The distribution, feeding ecology and microplastic contamination were assessed in different ontogenetic phases of Haemulidae species inhabiting the Goiana Estuary, over a seasonal cycle. Pomadasys ramosus and Haemulopsis corvinaeformis are estuarine dependent species that use habitats with specific environmental conditions each season. Pomadasys ramosus was found in the upper and middle estuaries during the rainy season, when salinity showed the lowest values. Haemulopsis corvinaeformis was found in the lower estuary during the dry season, when salinity increased in the estuary. Juveniles of P. ramosus are zooplanktivores, feeding mainly on calanoid copepods. Sub-adults and adults are zoobenthivores, feeding on invertebrates associated to the bottom, mainly Polychaeta. Juveniles of H. corvinaeformis were not found in the main channel, but sub-adults and adults showed a zoobenthivore habit, feeding mainly on Anomalocardia flexuosa (Mollusca: Bivalvia).
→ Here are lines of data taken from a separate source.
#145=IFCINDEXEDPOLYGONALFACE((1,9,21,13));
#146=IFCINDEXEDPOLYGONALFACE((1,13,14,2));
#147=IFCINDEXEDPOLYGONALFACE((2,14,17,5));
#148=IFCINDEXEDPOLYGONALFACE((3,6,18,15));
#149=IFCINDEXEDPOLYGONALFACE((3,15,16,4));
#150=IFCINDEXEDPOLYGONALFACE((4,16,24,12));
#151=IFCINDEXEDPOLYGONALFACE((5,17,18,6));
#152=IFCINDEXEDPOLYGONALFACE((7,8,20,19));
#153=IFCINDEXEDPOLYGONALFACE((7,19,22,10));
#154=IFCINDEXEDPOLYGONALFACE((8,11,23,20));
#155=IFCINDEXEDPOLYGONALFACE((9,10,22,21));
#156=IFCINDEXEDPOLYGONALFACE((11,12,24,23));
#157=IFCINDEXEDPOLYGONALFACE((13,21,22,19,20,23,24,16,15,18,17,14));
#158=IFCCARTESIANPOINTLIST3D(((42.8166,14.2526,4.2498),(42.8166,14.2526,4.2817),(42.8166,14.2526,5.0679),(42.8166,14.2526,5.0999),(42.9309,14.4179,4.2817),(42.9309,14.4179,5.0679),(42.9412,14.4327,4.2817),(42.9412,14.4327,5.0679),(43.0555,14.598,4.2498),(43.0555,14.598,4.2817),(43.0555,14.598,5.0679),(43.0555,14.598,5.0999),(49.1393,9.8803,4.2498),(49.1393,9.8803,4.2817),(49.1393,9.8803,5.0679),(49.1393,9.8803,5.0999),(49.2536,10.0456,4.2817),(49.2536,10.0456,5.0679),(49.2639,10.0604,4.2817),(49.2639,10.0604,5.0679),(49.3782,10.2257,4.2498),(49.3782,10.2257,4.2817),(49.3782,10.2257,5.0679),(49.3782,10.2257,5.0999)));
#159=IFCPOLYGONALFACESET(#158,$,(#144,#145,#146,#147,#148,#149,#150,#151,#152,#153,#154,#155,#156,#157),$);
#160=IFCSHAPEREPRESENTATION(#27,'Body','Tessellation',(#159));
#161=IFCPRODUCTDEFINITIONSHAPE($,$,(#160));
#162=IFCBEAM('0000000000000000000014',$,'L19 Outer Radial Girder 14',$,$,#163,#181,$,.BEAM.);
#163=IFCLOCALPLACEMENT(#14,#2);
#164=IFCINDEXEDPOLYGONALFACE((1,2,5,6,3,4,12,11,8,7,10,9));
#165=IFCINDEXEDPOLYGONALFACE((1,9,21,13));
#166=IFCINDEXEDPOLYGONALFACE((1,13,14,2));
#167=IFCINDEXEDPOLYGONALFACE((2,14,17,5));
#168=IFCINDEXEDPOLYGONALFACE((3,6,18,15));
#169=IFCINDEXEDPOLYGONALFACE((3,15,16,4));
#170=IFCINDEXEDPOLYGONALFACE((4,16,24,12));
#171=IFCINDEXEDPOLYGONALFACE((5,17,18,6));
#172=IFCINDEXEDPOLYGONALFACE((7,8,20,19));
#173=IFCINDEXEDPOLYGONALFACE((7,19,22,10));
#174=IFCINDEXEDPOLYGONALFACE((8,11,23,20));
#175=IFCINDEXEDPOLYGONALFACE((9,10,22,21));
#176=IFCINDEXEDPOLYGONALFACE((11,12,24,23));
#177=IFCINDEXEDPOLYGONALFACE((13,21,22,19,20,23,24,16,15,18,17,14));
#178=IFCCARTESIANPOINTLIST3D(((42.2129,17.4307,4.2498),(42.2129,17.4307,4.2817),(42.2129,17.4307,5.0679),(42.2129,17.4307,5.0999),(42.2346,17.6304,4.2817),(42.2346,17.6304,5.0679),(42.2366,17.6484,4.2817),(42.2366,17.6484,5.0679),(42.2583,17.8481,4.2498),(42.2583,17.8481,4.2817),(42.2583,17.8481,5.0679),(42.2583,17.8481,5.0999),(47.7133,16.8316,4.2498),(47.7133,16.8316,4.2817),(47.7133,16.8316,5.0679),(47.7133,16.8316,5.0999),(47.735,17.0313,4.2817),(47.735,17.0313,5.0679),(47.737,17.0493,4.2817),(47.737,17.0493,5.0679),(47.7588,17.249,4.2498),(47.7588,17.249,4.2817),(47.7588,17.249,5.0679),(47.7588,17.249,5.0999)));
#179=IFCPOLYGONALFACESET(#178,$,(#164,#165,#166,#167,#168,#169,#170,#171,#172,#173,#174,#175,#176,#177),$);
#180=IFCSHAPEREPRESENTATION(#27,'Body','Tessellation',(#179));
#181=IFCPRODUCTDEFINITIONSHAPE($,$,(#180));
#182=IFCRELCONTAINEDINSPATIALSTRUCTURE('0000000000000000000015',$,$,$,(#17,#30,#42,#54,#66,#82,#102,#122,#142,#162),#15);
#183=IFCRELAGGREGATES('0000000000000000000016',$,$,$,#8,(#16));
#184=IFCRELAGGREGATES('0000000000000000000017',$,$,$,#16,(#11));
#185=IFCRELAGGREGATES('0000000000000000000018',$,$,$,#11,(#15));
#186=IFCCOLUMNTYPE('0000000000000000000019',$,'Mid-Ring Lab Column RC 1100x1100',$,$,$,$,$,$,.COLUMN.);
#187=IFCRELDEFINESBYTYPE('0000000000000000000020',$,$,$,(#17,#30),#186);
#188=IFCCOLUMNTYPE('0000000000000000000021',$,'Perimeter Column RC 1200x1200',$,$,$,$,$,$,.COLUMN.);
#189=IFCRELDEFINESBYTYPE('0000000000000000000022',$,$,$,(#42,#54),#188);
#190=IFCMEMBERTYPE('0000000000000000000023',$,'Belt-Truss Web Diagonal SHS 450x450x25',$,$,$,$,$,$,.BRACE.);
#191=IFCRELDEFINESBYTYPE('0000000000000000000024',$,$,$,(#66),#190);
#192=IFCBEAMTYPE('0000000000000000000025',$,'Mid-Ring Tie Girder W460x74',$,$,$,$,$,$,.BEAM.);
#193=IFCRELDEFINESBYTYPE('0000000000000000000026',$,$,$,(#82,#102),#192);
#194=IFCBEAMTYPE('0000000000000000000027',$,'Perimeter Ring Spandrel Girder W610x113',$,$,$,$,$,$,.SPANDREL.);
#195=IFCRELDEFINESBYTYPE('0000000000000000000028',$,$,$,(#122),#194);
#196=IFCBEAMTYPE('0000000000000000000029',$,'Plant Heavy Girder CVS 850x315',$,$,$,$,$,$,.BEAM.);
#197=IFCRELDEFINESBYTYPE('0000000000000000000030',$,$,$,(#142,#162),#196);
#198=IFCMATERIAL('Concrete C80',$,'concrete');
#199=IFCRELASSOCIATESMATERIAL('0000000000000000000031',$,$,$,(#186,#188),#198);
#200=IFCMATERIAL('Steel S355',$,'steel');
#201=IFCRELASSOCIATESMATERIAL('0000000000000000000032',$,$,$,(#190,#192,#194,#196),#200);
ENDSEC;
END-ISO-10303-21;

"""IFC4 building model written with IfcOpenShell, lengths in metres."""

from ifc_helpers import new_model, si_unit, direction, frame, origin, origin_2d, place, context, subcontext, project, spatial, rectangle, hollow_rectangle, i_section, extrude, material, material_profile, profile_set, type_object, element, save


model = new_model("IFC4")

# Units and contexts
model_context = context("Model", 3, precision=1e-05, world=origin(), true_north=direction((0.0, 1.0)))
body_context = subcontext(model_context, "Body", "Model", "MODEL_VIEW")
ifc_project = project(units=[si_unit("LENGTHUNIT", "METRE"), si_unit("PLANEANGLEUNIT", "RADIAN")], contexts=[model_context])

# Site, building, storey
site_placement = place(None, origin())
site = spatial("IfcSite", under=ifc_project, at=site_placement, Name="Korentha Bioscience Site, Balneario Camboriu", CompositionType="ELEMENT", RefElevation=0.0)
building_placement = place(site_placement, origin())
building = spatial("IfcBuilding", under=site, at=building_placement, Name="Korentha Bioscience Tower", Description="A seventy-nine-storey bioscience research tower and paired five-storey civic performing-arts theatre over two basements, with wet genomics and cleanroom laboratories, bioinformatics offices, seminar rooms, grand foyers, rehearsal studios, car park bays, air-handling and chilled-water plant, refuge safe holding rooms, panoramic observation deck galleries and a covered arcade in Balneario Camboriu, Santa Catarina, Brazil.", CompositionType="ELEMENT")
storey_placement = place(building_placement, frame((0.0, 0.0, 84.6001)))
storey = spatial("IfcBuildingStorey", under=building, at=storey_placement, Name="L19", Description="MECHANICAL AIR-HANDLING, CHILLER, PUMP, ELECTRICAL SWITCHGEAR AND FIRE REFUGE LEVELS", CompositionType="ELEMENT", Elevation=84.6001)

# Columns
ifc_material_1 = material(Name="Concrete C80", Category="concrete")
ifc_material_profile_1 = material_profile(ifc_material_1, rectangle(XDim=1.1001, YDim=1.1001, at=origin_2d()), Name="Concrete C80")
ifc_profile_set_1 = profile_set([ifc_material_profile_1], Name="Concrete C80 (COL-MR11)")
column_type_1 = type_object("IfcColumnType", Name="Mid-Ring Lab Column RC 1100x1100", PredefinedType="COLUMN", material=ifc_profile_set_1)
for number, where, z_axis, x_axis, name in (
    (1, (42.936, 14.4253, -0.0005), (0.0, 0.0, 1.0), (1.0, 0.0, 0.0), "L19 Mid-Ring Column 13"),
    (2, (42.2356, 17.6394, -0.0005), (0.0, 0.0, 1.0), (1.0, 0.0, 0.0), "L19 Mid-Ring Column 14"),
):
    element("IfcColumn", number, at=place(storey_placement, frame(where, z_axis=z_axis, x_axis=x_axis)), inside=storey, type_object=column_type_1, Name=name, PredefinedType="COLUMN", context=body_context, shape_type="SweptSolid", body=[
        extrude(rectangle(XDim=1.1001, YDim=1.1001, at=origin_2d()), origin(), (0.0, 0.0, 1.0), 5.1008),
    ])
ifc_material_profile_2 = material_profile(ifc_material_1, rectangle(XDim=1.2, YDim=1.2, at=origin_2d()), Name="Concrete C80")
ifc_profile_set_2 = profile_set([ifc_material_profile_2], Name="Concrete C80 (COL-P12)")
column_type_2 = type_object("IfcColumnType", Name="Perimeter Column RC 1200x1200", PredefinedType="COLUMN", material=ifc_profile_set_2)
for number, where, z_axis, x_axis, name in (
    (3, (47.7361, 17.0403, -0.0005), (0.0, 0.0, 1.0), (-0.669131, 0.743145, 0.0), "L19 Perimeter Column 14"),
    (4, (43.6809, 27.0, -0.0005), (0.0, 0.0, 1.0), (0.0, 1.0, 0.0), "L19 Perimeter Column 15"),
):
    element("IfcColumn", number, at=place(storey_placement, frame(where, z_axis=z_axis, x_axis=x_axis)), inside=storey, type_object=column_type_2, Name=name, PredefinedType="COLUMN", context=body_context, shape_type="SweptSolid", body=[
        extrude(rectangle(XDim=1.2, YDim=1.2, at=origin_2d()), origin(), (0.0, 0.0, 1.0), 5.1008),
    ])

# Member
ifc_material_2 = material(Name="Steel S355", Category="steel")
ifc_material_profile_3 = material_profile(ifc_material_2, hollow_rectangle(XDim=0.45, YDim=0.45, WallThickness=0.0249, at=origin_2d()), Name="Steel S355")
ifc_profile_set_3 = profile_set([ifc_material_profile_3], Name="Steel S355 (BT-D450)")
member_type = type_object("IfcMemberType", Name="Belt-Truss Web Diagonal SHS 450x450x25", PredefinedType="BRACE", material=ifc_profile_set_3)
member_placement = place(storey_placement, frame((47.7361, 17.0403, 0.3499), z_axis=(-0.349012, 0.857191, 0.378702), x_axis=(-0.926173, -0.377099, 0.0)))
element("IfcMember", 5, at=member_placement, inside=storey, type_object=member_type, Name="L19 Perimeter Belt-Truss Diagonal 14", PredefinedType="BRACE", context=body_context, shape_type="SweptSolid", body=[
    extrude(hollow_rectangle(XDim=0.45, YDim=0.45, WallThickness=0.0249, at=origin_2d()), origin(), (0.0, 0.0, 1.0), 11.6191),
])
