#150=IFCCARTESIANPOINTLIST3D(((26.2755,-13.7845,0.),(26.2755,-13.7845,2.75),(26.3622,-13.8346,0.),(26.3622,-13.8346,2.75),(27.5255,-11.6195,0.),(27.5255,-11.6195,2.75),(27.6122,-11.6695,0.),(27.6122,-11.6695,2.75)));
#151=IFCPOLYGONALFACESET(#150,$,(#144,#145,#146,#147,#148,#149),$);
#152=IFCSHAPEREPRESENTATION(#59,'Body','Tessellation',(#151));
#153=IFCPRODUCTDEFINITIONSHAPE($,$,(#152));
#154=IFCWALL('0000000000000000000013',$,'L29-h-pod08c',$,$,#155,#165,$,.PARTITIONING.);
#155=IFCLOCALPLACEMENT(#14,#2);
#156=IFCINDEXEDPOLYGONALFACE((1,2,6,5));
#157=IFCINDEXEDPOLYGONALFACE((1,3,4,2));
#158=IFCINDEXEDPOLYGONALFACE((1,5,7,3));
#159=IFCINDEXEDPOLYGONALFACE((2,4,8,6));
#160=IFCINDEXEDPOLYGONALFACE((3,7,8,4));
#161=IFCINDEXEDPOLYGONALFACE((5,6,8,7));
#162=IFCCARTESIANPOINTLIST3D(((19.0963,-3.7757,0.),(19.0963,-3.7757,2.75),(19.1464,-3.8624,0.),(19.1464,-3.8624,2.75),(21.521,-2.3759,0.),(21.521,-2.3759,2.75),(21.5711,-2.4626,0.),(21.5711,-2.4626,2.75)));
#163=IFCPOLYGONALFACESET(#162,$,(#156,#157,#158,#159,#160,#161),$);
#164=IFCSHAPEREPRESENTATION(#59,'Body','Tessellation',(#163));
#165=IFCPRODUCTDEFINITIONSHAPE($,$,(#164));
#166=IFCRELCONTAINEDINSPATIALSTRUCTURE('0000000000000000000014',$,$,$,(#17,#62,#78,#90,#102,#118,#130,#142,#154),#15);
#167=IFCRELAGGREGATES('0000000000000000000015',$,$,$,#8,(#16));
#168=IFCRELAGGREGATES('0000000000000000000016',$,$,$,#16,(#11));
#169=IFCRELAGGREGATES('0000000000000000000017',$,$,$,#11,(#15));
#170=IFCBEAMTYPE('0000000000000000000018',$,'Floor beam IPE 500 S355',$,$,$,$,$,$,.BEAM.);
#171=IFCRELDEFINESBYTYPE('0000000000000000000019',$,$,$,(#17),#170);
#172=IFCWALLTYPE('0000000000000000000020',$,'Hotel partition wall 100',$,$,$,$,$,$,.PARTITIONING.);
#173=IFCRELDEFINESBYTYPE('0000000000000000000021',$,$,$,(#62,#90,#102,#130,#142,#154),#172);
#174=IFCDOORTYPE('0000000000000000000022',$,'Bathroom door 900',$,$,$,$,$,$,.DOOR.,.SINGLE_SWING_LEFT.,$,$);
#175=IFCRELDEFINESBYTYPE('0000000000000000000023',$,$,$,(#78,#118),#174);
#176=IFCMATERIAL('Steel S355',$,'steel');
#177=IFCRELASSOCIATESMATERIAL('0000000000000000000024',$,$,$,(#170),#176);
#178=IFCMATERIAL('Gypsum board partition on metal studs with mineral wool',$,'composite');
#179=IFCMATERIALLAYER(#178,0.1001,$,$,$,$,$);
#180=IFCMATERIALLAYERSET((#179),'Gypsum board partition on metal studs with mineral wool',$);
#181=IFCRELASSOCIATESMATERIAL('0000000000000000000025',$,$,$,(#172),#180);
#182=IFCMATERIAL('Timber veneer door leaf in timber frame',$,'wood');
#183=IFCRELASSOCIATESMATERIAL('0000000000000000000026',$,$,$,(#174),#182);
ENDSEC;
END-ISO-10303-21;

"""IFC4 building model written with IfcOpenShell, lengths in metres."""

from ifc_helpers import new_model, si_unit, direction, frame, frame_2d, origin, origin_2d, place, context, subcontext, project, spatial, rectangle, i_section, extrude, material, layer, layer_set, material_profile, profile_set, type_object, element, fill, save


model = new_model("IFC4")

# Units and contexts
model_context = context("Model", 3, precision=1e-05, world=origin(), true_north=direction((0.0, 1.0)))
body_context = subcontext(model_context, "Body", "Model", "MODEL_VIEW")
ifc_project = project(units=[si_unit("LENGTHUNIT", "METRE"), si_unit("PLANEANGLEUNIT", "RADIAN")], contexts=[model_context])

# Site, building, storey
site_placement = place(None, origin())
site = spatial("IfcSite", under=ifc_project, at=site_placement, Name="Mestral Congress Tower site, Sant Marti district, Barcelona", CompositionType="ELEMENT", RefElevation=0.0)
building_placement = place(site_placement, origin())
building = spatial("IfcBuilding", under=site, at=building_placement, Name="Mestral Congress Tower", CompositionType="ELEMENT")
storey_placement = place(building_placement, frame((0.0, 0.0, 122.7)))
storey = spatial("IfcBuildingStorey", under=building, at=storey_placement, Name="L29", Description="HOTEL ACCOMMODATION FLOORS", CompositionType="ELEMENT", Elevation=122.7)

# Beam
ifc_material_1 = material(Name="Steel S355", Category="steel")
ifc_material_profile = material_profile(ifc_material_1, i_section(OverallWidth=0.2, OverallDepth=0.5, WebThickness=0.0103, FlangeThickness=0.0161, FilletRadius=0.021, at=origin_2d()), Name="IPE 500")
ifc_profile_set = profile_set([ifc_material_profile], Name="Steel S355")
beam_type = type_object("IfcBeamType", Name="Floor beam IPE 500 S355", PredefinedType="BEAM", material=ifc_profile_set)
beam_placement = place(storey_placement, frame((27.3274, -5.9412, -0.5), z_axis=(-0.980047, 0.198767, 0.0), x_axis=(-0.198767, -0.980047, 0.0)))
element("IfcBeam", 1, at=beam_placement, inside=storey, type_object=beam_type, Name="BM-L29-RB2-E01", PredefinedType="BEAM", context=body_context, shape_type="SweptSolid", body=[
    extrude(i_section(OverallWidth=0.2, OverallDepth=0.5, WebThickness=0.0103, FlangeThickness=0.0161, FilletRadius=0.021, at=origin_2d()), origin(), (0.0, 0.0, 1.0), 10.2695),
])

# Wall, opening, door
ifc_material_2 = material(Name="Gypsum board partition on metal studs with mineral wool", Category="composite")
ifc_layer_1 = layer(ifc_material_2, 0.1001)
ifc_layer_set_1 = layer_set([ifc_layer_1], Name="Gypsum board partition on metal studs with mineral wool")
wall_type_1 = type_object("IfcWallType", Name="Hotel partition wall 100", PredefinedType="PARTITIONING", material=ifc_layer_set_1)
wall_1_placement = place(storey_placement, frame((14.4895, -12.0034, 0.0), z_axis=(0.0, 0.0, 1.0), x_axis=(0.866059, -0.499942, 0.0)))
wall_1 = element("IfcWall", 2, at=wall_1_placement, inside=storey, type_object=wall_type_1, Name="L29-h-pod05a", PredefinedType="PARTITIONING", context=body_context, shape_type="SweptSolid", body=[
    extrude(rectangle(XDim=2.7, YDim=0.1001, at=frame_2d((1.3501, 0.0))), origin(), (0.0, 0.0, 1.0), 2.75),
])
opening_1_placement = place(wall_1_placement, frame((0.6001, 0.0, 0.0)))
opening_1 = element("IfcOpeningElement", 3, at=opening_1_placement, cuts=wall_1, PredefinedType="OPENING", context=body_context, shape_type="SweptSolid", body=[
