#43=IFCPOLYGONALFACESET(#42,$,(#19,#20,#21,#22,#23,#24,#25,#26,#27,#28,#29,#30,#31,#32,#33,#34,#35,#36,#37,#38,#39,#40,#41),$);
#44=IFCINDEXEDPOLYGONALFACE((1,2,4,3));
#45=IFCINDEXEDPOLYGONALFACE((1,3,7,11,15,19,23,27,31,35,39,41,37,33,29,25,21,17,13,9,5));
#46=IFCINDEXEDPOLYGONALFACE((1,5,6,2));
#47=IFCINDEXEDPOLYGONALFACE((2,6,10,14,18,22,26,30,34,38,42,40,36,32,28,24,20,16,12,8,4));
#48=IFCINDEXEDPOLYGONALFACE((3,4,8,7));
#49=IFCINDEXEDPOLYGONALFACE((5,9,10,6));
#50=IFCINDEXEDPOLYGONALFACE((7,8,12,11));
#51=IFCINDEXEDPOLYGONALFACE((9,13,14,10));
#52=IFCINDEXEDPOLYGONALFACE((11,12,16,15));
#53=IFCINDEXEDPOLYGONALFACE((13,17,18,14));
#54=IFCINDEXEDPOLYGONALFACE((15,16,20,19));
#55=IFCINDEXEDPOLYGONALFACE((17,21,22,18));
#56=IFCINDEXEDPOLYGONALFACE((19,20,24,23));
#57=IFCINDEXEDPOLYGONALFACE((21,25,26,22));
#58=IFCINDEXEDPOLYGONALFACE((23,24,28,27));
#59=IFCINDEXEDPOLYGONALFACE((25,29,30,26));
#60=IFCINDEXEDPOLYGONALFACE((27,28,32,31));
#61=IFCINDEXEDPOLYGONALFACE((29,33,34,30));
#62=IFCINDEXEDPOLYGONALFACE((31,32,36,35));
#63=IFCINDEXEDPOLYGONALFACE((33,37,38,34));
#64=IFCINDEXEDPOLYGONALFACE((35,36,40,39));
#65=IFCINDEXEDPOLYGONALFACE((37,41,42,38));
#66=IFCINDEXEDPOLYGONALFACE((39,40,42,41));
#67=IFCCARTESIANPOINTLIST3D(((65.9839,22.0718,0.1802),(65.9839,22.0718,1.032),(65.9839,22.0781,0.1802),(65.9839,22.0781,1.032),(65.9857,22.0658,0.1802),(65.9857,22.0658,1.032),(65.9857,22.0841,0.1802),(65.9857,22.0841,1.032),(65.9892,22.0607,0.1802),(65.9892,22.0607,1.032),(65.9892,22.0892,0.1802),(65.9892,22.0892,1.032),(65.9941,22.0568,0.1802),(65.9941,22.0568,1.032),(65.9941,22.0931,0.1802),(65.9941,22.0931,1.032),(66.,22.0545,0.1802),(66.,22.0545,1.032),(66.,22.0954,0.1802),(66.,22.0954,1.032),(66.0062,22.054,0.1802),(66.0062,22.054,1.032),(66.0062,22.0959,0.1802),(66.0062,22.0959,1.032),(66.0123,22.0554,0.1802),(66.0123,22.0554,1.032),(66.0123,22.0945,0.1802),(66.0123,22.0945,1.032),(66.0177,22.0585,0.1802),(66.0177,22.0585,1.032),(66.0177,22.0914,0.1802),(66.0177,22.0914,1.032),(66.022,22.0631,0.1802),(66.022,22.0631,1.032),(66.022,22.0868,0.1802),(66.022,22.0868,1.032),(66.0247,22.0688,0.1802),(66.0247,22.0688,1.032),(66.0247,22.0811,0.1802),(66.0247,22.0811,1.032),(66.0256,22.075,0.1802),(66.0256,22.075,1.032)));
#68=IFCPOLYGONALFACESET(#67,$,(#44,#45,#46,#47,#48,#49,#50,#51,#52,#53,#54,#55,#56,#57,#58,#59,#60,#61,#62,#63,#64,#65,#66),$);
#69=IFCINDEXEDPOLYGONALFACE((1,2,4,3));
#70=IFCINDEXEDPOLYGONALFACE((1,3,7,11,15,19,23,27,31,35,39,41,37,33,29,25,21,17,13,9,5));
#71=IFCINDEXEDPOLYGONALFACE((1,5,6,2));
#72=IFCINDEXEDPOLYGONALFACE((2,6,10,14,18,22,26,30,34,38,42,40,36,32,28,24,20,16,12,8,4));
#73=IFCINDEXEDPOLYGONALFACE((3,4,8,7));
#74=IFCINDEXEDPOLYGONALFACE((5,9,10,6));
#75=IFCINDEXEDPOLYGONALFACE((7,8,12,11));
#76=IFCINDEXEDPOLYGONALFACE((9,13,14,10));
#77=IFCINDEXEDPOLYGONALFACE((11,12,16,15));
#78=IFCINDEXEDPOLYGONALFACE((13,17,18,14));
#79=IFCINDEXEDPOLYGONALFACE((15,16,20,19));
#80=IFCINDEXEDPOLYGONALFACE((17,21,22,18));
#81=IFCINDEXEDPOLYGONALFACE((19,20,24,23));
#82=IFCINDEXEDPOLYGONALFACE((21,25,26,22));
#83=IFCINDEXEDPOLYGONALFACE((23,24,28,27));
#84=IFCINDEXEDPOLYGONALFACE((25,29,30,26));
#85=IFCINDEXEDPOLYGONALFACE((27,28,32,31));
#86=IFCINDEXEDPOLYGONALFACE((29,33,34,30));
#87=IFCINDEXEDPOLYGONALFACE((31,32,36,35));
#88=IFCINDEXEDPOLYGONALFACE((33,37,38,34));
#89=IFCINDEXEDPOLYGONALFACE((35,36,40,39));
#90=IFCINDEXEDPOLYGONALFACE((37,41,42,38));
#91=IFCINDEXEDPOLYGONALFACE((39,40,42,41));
Dietary shifts along the life cycle and the spatio-temporal relationship between their distribution and the availability of microplastics along the estuary seem to have a strong influence in the ingestion of microfilaments. The highest average ingestion of microfilaments by P. ramosus coincided with the peak of ingestion of Polychaeta by sub-adults in the upper estuary during the late rainy season. For H. corvinaeformis the highest ingestion of microfilaments coincided with the peak of ingestion of A. flexuosa by adults in the lower estuary during the late dry season. Such contamination might be attributed to the time when these phases shifted to a more diverse diet and began to forage on benthic invertebrates. Research on microplastic contamination must consider species-specific behaviour, since the intake of microplastics is dependent on patterns of distribution and trophic guild within fish assemblages.

High intake rates of microplastics in a Western Atlantic predatory fish, and insights of a direct fishery effect.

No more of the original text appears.